2022-03-07 10:18:46,077	INFO trainer.py:190 -- Trainer logs will be logged in: C:\Users\kaise\ray_results\train_2022-03-07_10-18-46
 pid=14924) 2022-03-07 10:18:49,857	INFO torch.py:66 -- Setting up process group for: env:// [rank=0, world_size=2]
 pid=19624) 2022-03-07 10:18:49,873	INFO torch.py:66 -- Setting up process group for: env:// [rank=1, world_size=2]
2022-03-07 10:18:49,935	INFO trainer.py:196 -- Run results will be logged in: C:\Users\kaise\ray_results\train_2022-03-07_10-18-46\run_001
 pid=14924) Moved model to device: cuda:0
 pid=14924) True True

When trying to manually initialize the default process group, it gets stuck on the last line:

print(dist.is_initialized(), train.local_rank(), train.world_size())
dist.init_process_group("gloo", rank=train.local_rank(), world_size=train.world_size())

with print:

2022-03-07 10:12:57,949	INFO trainer.py:190 -- Trainer logs will be logged in: C:\Users\kaise\ray_results\train_2022-03-07_10-12-57
 pid=19732) 2022-03-07 10:13:01,793	INFO torch.py:66 -- Setting up process group for: env:// [rank=0, world_size=2]
 pid=26516) 2022-03-07 10:13:01,793	INFO torch.py:66 -- Setting up process group for: env:// [rank=1, world_size=2]
2022-03-07 10:13:02,887	INFO trainer.py:196 -- Run results will be logged in: C:\Users\kaise\ray_results\train_2022-03-07_10-12-57\run_001
 pid=19732) False 0 2

In both cases, the script is stuck after this print. Something in the setup with Trainer seems to cause deadlocks for DDP, I guess because of the fractional GPUs, but I don’t know. Also, the freezing behavior is still consistent between my windows laptop with gloo backend and Goggle Colab with nccl backend.
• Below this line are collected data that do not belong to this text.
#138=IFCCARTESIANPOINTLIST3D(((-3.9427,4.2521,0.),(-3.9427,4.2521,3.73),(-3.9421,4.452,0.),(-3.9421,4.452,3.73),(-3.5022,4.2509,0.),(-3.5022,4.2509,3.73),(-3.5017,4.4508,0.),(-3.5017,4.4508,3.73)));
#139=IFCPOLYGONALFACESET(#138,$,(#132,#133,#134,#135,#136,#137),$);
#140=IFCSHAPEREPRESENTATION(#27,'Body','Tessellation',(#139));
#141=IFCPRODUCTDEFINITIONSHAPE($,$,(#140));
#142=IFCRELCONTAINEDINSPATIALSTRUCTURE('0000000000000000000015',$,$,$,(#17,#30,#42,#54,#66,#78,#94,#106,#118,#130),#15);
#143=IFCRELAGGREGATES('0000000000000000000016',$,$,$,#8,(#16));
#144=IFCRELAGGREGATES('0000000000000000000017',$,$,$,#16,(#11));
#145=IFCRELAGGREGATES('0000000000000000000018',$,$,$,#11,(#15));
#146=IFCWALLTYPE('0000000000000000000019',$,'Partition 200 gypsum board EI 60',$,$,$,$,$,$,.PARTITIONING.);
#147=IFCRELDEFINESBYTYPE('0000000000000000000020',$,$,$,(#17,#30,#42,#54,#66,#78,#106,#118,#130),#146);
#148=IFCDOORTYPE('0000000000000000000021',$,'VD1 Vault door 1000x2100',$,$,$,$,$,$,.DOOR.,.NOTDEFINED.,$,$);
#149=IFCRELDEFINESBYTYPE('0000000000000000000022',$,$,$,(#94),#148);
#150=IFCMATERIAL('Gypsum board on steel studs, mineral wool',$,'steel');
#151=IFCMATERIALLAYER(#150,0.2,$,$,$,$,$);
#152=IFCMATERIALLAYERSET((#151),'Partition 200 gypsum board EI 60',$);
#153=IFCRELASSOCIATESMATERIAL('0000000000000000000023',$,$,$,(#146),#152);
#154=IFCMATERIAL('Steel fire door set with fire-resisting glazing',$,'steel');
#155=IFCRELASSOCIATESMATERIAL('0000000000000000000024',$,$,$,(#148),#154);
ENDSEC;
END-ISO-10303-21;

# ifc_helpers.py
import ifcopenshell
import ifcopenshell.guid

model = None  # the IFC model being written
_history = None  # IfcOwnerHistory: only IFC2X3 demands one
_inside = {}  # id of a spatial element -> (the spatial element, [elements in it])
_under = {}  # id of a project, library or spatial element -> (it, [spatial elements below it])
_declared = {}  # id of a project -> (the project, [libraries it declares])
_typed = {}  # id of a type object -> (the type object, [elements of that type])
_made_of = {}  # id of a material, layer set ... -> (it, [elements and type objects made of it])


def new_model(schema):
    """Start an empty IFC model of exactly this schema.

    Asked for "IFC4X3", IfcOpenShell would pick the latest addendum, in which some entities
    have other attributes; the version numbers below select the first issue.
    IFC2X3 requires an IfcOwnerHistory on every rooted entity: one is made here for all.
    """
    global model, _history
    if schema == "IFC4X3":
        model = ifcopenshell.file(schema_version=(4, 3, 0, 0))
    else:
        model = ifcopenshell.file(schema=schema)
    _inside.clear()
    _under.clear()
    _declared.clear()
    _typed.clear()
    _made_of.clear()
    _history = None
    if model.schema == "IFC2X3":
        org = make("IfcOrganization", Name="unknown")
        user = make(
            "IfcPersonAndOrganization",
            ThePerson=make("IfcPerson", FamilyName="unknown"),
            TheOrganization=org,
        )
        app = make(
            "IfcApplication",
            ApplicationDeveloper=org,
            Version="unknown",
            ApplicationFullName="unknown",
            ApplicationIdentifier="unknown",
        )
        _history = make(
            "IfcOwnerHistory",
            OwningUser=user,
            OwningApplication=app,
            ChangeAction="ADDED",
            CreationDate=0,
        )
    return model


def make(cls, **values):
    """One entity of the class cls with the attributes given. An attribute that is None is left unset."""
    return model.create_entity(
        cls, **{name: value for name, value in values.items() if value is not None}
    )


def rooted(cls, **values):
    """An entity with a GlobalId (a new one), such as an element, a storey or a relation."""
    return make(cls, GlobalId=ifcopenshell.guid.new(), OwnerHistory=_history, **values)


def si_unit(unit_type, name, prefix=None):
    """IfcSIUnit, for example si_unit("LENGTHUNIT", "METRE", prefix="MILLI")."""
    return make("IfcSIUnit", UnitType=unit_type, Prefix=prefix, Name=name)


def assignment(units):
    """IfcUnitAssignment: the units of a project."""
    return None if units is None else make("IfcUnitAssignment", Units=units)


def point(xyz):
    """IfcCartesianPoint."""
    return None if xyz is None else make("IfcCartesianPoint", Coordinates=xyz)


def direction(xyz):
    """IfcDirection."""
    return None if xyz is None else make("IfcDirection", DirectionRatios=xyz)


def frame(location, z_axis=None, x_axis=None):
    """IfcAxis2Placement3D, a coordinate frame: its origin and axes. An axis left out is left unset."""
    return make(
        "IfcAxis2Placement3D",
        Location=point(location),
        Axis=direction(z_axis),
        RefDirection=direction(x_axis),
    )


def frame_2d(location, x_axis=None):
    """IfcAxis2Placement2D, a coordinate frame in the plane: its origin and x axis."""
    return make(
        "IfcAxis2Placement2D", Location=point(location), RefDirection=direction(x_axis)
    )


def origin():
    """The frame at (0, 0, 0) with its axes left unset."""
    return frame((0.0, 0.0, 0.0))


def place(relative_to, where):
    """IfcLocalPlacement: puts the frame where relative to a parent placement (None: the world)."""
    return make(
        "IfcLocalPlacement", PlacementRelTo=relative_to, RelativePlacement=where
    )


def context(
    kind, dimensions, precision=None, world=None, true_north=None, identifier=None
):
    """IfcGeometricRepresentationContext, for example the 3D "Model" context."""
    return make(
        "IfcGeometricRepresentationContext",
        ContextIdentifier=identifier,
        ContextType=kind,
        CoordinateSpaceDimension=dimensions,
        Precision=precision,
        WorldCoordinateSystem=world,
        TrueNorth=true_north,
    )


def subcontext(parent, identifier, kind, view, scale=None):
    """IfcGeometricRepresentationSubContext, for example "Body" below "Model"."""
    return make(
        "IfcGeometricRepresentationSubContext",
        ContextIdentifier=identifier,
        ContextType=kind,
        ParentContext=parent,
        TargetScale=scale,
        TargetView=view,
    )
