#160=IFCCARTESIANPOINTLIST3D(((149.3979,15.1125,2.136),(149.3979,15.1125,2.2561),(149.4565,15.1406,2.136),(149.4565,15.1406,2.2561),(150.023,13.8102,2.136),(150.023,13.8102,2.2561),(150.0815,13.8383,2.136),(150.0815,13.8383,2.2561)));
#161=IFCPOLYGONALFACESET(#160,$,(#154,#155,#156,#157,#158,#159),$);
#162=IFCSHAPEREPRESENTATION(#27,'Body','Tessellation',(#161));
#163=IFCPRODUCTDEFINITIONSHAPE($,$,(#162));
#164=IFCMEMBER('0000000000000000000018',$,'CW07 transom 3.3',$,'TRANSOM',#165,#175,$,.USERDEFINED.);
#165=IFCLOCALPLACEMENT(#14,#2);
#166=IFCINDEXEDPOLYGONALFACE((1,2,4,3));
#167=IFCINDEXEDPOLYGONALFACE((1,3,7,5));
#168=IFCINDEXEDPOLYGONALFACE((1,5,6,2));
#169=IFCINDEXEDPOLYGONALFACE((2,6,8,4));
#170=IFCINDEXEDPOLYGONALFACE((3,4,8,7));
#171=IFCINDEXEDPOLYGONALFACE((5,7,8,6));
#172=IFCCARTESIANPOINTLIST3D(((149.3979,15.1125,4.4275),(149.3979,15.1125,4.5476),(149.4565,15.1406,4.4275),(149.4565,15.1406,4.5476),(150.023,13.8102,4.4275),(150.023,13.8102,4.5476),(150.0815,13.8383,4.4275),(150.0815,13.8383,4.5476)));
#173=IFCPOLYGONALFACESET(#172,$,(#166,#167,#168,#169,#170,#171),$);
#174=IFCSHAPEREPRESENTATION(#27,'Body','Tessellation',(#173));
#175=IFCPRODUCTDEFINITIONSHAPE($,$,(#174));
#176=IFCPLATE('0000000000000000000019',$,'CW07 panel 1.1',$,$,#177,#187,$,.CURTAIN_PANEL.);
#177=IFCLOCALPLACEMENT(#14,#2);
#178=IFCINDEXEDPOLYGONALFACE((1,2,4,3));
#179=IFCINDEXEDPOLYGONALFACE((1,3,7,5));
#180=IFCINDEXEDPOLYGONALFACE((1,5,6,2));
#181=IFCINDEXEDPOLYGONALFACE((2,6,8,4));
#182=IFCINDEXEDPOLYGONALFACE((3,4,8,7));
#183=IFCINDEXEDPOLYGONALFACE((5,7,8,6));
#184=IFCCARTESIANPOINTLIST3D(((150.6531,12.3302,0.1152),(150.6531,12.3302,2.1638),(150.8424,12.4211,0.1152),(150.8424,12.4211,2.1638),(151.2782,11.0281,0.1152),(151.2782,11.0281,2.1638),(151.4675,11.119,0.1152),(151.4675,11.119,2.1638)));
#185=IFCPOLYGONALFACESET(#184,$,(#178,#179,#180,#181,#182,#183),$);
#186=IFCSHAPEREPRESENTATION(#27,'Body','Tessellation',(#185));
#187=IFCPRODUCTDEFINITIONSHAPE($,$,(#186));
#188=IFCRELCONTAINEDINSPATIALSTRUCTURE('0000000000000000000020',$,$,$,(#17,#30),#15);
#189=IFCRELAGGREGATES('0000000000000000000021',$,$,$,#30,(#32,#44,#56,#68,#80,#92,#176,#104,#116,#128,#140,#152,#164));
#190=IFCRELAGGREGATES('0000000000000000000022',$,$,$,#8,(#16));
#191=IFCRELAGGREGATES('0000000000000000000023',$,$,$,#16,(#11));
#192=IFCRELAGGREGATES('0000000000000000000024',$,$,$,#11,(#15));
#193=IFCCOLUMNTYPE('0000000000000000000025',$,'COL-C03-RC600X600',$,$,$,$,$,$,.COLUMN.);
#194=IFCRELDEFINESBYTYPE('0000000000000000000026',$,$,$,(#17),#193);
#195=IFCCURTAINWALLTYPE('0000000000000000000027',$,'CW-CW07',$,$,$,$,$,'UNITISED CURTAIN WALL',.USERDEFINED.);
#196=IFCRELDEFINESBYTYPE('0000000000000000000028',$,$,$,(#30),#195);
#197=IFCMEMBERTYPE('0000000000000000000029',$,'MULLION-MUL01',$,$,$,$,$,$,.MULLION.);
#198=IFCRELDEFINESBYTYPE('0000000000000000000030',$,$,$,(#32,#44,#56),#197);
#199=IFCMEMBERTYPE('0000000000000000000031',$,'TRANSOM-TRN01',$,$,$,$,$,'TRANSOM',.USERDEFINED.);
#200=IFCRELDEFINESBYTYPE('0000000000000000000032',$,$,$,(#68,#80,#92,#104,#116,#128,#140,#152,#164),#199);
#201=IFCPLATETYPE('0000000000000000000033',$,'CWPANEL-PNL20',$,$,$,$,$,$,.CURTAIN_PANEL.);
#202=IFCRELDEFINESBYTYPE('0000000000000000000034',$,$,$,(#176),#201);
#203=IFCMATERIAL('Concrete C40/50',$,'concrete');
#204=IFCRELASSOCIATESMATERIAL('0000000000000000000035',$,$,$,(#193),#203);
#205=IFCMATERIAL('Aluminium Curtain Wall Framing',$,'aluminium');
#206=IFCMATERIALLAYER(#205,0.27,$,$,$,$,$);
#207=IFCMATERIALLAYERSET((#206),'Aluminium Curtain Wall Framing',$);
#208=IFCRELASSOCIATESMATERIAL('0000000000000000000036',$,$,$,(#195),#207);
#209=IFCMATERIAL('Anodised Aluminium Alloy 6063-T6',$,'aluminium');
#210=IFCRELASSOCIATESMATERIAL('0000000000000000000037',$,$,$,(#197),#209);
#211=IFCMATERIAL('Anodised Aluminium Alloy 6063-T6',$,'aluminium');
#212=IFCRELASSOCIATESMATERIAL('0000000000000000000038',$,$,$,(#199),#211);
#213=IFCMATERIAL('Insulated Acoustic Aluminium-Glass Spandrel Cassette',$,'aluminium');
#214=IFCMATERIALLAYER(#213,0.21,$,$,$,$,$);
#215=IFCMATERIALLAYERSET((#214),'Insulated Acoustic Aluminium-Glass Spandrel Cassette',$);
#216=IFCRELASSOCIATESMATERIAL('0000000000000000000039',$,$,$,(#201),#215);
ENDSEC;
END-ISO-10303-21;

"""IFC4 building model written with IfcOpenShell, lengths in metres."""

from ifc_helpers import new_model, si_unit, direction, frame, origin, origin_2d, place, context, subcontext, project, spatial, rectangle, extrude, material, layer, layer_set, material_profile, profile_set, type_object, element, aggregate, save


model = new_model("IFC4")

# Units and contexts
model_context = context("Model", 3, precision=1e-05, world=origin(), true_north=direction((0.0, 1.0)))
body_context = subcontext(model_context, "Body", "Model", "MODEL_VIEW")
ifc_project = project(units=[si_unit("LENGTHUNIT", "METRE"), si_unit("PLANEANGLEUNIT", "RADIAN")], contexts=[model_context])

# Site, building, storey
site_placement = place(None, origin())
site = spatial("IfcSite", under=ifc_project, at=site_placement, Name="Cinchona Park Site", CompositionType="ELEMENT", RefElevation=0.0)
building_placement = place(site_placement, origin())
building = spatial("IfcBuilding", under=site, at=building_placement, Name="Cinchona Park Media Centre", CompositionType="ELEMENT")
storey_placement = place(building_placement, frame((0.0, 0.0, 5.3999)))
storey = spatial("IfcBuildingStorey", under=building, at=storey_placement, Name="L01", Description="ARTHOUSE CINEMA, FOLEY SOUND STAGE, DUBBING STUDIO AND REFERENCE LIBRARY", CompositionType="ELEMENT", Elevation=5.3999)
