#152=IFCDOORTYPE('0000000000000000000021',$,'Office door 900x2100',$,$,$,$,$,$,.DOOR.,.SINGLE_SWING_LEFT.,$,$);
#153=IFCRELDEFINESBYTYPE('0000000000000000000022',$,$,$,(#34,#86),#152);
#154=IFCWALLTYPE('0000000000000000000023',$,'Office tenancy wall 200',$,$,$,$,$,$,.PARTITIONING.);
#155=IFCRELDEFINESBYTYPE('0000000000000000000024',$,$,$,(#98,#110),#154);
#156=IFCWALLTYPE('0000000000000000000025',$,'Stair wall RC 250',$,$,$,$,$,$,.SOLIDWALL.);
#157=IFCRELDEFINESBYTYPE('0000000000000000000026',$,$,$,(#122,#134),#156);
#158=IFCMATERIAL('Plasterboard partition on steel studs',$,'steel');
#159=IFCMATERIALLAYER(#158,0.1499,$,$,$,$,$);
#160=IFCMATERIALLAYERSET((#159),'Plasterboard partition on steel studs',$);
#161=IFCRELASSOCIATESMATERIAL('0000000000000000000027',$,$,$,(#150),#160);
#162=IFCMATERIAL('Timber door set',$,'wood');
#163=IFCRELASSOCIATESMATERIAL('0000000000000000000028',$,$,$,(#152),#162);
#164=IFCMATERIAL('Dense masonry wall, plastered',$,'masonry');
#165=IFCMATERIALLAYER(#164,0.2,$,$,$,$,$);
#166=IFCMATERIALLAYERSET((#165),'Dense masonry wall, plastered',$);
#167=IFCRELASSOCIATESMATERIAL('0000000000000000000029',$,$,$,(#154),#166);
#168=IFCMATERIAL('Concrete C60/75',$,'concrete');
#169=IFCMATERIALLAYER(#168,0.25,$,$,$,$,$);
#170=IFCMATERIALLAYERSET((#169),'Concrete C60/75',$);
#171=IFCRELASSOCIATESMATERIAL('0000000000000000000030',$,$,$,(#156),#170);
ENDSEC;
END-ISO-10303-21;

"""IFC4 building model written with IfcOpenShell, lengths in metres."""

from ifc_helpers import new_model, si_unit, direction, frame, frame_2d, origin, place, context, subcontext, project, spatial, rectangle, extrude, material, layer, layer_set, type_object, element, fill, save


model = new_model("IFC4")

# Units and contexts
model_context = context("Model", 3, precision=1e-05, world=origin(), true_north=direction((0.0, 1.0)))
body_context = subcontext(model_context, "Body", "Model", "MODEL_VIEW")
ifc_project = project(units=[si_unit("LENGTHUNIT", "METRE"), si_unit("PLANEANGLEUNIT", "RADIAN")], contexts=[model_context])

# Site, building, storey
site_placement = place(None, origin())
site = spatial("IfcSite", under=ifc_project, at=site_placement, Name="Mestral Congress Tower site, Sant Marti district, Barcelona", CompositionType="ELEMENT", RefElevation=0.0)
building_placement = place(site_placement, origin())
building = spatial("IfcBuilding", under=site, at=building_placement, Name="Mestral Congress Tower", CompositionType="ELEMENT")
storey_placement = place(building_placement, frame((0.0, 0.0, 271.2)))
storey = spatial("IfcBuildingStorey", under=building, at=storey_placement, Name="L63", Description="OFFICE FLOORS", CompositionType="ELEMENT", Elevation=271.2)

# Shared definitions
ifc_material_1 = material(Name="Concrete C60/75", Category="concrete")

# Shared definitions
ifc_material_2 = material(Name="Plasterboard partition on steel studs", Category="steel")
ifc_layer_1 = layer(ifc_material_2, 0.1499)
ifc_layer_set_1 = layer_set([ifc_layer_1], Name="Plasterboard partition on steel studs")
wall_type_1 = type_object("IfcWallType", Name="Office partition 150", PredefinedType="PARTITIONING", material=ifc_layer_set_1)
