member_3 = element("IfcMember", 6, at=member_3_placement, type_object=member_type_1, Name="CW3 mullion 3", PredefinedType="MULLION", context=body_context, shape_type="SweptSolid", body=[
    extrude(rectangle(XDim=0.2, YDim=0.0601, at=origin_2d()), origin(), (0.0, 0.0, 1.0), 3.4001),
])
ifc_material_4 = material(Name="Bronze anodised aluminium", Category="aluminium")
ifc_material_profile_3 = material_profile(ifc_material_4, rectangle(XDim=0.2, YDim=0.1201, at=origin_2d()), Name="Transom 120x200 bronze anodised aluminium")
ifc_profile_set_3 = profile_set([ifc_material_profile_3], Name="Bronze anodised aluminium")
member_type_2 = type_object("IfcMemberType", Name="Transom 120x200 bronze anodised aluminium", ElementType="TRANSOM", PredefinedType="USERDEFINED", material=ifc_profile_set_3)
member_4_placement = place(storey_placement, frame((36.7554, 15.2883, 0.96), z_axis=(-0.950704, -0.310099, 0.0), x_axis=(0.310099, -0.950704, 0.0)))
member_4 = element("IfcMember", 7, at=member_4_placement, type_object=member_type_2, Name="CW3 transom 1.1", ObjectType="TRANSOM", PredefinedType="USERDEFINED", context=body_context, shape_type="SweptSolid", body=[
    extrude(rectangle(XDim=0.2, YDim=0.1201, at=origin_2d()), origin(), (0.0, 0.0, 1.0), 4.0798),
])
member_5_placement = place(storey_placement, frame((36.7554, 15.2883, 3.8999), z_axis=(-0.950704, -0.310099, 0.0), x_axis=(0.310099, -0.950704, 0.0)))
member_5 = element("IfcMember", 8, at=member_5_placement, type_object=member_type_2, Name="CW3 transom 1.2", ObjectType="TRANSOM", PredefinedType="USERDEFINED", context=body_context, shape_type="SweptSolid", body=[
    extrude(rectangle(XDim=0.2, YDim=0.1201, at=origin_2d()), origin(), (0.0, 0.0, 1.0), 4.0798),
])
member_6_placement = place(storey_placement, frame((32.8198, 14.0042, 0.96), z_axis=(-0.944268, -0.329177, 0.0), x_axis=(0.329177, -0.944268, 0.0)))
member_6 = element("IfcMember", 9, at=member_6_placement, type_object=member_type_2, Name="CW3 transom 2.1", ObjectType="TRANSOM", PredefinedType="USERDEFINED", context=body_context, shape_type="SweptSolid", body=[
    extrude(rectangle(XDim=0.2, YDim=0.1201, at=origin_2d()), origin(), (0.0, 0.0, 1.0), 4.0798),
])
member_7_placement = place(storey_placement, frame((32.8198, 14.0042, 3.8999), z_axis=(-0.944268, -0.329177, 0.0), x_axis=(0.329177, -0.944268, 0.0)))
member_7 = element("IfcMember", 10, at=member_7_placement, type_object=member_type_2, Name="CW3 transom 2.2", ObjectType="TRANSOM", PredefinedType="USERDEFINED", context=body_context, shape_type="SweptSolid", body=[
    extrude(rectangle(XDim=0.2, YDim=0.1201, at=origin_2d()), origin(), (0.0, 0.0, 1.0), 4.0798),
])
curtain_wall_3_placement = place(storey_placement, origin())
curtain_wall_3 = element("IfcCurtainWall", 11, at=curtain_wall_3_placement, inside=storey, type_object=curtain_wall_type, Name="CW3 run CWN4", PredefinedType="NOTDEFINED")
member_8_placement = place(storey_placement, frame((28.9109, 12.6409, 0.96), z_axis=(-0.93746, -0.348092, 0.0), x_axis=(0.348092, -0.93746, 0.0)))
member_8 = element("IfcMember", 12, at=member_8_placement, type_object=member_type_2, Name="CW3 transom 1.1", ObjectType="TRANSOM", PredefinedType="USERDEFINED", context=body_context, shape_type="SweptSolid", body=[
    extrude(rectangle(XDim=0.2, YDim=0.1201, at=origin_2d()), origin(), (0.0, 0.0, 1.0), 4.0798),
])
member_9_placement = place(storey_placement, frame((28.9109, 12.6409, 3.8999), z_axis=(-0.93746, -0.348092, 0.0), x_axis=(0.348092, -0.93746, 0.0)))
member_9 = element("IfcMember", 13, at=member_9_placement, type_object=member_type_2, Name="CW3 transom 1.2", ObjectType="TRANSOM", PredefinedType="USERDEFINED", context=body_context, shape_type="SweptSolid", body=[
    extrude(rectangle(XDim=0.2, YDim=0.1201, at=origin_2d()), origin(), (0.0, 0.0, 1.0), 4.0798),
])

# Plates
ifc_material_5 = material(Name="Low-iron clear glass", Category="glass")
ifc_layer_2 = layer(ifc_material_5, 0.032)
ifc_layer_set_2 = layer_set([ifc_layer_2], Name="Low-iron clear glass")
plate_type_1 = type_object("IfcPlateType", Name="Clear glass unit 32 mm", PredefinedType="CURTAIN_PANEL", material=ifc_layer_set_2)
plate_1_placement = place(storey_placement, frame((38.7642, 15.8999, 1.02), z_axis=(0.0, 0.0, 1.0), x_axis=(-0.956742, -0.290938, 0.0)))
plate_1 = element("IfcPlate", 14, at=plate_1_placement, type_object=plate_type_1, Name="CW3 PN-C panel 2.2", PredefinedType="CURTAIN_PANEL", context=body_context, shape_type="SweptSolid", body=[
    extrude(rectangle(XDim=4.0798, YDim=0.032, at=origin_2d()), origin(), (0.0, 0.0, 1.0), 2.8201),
The DDP docs of “init_process_group” say " If using multiple processes per machine with nccl backend, each process must have exclusive access to every GPU it uses, as sharing GPUs between processes can result in deadlocks."
Any advice on how to get this to work somehow? Or will I simply have to wait for the fix with a new ray version?

I had the same issue. Did you solve this?

No, since this is a fundamental issue with ray, I couldn’t do anything about it. I parallelized in different ways and just live without this kind of multiprocessing.

1 Like

The fix has been merged into master ([Train] Fix `train.torch.get_device()` for fractional GPU or multiple GPU per worker case by amogkam · Pull Request #23763 · ray-project/ray · GitHub) and will be included in the 1.13 release!

@tikai103 when wrapping with DistributedDataParallel manually with fractional GPUs, using train.local_rank() will not work (this was the original bug to begin with), as there are more workers than GPUs.